I am trying to combine a series of data in pandas. I have a list of dfs, dfs and a list of their respective labels labels , and I want to combine all dfs into 1 df, so that the common labels from df will get the suffix from its label to the labels list. i.e:.
def mymerge(dfs, labels): labels_dict = dict([(d, l) for d, l in zip(dfs, labels)]) merged_df = reduce(lambda x, y: pandas.merge(x, y, suffixes=[labels_dict[x], labels_dict[y]]), dfs) return merged_df
When I try to do this, I get an error message:
pandas.tools.merge.MergeError: Combinatorial explosion! (boom)
I am trying to make a series of merges, which at each merge grow no more than the number of columns N, where N is the number of columns in the "next" df in the list. The last DF should have as many columns as all the df columns added together, so they will grow additively and not be combinatorial.
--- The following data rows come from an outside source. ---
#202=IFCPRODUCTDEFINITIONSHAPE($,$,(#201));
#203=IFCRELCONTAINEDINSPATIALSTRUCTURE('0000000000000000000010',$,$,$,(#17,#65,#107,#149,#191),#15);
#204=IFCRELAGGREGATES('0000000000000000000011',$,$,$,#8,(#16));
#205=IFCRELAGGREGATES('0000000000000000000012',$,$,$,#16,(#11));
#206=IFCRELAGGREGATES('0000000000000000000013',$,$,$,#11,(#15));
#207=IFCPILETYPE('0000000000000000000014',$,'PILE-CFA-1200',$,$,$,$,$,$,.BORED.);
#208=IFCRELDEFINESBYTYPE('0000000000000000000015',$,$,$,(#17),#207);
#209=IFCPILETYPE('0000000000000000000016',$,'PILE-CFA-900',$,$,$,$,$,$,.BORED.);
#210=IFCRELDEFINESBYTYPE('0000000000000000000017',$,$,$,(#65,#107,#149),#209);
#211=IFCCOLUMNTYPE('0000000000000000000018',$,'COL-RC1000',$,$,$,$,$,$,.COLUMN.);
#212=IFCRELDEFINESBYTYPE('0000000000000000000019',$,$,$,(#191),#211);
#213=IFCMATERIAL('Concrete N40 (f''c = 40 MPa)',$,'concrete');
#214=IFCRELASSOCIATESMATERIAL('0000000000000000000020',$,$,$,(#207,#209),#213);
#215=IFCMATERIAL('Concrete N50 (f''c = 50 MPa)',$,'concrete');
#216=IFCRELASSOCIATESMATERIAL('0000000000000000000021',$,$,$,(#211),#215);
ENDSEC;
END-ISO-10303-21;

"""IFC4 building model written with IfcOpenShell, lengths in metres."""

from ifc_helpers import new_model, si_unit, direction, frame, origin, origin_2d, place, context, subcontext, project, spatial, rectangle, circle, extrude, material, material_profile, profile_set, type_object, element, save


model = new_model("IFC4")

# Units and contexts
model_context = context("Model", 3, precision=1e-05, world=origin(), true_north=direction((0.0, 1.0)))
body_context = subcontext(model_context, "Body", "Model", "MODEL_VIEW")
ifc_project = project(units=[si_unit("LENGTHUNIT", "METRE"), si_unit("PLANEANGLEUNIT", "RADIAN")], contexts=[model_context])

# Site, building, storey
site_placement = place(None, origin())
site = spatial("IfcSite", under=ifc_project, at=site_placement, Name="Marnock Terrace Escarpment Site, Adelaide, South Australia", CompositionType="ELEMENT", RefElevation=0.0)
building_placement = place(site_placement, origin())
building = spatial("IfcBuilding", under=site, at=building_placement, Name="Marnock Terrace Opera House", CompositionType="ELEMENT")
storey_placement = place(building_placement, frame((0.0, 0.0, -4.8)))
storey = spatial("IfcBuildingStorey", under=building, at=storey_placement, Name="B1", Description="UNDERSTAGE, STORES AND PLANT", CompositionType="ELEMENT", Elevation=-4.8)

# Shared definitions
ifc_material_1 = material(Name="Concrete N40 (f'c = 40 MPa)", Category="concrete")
The behavior I'm looking for is: Attach dfs to the column names that are specified (for example, indicated by on= ), or index dfs indexes. Decompose non-common column names (as in the outer join). If a column appears in multiple dfs files, optionally overwrite it. If you look more at the docs, it seems that update might be the best way to do this. Although, when I try to join='outer' , it raises an exception message that it is not implemented.
EDIT :
Here is my attempt at implementing this, which does not handle suffixes, but illustrates the kind of merge I'm looking for:
def my_merge(dfs_list, on): """ list of dfs, columns to merge on. """ my_df = dfs_list[0] for right_df in dfs_list[1:]:
This suggests that the merge occurs at the indices of each of the dfs. New columns are added in the outer join style, but columns that are shared (and not part of the index) are used in the join using the on= keyword.
Example:
df1 = pandas.DataFrame([{"employee": "bob", "gender": "male", "bob_id1": "a"}, {"employee": "john", "gender": "male", "john_id1": "x"}]) df1 = df1.set_index("employee") df2 = pandas.DataFrame([{"employee": "mary", "gender": "female", "mary_id1": "c"}, {"employee": "bob", "gender": "male", "bob_id2": "b"}]) df2 = df2.set_index("employee") df3 = pandas.DataFrame([{"employee": "mary", "gender": "female", "mary_id2": "d"}]) df3 = df3.set_index("employee") merged = my_merge([df1, df2, df3], on=["gender"]) print "MERGED: " print merged
A twist on this will be one where you randomly mark the suffix for each df based on a set of labels for columns that are common, but this is less important. Is the merge operation described above more elegant in pandas or already existing as inline?